By comparing different models and selecting the most suitable one, we can ensure the detection of implausible weighing notes with high accuracy. Here, we would select the z-score method because this methos had the best evaluation using visual comparison.
In my case the boxplot clearly showed possible outliers which I used for the comparison, but that might not always be the case. If you have a different data distribution you might want to consider other visualization methods and other evaluation approaches like the ones I mentioned above.

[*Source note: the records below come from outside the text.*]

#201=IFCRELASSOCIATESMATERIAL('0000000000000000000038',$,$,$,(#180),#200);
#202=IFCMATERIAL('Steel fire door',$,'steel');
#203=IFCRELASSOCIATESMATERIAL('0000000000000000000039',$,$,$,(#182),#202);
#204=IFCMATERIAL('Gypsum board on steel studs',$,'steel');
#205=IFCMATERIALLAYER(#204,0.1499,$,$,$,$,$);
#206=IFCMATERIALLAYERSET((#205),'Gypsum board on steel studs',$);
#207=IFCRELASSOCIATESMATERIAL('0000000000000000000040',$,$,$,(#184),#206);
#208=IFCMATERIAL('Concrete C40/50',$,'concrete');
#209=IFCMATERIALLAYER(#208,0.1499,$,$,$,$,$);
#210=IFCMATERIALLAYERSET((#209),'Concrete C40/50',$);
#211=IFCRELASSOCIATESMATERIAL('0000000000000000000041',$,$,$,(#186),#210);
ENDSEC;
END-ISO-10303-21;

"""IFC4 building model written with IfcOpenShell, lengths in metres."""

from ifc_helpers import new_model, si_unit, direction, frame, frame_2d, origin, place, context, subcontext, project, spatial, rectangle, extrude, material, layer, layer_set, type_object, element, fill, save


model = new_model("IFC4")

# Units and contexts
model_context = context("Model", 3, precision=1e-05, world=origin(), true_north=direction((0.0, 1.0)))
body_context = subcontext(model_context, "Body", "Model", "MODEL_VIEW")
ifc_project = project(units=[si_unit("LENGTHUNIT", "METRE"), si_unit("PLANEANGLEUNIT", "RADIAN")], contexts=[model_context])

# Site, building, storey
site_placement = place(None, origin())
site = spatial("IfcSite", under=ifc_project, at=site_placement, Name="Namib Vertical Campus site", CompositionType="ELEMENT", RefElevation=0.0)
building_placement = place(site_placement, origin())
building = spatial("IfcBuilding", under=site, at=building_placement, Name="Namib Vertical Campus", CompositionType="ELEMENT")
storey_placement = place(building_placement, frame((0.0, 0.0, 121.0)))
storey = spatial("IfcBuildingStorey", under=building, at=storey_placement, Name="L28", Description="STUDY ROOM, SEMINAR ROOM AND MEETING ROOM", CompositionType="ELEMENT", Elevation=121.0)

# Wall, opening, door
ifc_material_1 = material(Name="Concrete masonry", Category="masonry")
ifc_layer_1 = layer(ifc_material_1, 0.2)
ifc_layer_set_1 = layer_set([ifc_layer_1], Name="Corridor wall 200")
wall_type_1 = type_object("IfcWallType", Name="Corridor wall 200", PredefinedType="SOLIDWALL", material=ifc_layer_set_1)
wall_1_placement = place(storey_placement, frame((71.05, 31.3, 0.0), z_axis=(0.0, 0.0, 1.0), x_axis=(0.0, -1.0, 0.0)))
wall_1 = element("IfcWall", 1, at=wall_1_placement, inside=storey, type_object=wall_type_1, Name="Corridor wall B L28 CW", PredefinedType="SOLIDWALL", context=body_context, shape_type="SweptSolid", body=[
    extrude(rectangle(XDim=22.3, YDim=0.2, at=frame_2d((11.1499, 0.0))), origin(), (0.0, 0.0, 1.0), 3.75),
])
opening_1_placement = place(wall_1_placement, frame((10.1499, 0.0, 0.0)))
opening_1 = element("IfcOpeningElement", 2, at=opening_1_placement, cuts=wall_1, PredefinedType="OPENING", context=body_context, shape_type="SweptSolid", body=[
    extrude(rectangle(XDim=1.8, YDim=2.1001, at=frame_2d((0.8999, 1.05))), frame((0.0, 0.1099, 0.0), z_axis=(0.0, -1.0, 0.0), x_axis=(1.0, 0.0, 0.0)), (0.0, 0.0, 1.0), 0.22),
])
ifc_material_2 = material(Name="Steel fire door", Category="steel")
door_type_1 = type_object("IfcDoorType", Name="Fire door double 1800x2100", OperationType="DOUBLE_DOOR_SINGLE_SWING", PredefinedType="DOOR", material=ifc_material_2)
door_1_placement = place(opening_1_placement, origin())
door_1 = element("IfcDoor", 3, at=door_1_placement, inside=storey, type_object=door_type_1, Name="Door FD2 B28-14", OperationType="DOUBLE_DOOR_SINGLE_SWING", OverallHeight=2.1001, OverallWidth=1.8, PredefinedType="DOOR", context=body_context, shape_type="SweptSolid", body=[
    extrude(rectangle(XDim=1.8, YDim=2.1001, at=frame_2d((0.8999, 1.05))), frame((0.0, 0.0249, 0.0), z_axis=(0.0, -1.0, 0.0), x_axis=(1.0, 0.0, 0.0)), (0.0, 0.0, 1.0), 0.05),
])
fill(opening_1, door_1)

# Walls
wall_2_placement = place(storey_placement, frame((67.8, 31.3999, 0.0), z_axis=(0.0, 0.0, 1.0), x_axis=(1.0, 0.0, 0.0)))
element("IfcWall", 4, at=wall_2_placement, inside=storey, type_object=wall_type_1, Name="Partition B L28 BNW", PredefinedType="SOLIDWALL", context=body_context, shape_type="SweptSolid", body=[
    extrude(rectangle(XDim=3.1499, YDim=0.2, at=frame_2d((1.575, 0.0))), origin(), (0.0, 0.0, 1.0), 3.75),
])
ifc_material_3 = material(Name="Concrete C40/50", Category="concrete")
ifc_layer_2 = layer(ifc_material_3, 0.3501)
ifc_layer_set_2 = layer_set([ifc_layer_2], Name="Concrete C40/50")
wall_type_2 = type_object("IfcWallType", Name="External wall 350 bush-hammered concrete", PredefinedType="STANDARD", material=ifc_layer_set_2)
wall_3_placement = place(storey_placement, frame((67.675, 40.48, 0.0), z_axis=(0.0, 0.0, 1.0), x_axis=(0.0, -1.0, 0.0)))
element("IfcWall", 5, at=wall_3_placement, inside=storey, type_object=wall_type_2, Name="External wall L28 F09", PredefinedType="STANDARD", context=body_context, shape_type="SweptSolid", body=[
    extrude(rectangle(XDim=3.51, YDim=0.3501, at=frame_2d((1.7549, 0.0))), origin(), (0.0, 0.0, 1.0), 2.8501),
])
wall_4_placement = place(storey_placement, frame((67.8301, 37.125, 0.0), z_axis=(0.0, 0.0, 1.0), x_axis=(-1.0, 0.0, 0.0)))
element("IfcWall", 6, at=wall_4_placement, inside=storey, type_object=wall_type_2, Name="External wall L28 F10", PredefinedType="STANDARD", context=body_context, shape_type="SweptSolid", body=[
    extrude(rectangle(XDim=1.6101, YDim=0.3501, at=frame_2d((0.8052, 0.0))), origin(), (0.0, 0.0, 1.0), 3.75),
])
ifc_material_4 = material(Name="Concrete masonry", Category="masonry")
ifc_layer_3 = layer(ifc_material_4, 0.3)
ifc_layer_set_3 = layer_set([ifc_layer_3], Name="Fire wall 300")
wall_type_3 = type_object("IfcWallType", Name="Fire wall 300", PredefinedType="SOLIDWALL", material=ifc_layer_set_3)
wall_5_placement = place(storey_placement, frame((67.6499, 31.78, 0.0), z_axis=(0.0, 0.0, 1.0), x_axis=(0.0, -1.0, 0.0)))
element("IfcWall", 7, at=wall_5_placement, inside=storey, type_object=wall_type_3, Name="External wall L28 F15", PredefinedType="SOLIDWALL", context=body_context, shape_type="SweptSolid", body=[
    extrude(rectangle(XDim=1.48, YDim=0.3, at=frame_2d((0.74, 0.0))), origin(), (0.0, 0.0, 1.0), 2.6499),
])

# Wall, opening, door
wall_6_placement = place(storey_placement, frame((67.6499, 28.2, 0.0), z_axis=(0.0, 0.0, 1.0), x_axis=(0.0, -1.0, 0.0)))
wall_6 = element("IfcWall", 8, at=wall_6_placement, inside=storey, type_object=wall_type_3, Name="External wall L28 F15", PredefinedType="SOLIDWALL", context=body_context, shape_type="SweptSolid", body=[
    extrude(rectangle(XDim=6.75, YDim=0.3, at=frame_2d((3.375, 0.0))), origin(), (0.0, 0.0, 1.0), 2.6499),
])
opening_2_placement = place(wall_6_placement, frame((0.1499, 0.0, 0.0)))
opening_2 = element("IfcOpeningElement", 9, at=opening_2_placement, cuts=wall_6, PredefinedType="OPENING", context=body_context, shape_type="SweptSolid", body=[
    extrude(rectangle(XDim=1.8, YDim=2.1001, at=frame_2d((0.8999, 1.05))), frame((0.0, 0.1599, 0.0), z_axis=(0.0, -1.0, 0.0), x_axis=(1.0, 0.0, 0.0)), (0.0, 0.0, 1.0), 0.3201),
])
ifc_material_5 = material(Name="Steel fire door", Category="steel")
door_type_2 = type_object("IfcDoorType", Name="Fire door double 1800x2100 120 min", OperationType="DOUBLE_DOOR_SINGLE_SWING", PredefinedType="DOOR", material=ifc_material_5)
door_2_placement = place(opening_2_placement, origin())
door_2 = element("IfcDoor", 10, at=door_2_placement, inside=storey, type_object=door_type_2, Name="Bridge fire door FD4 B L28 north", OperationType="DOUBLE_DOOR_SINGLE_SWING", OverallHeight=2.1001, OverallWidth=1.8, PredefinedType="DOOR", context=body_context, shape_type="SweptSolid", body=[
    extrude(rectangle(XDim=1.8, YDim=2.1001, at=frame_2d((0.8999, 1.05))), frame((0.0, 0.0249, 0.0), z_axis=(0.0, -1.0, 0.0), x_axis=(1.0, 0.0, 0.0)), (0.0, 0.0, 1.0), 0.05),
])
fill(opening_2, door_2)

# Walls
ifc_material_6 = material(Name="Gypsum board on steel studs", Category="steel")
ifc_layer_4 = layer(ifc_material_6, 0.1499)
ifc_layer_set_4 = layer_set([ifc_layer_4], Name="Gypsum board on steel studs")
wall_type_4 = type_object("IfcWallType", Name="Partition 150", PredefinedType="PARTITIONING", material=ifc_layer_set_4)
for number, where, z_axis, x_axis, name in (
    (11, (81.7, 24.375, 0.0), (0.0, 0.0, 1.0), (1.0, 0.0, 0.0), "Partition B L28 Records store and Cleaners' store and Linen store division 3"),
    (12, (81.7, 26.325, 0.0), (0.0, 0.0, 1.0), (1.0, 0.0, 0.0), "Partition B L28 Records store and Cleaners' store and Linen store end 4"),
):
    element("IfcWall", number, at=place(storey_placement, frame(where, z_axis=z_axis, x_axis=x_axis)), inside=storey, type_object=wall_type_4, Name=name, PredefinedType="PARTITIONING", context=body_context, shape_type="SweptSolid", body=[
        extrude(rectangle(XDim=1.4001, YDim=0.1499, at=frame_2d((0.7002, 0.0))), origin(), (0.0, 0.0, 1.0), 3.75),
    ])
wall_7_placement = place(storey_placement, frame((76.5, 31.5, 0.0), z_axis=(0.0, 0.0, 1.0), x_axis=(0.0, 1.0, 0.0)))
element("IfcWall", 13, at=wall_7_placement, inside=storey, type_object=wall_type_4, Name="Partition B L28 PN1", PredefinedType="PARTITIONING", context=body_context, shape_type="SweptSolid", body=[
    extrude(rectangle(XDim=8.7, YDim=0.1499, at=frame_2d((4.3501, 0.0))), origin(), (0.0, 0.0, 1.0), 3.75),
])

6. Deployment and maintenance:
The final stage of the CRISP-DM methodology is the deployment of the solution. We can integrate the trained model into the SAP S/4HANA on-premise system, enabling real-time anomaly detection as customers enter weighing notes or we can simply make sure that the data scientists of our customers get the outlier results so they dive deeper into the problem. Furthermore, regular model updates and maintenance are essential to adapt to evolving data patterns and maintain accuracy.
I haven’t integrated the model into the SAP system because in this blog I chose to focus on showing how to use the tools we have in python but the future goal is to deliver the outlier results to the data scientist so they can take a closer look at their data.
Summary:
I this blog, we've highlighted how data science is not only about algorithms and models but also about understanding the problem, wrangling data, and deploying and maintaining the solution. By combining the structured approach of CRISP-DM with the flexibility of Python, we've shown you a blueprint for success in data science projects of varying complexities.
As businesses continue to rely on data for informed decision-making, the importance of data quality and anomaly detection cannot be overlooked. This project also shows the value of collaboration between domain expertise, data science, and technology in ensuring data accuracy and enabling sound business decisions.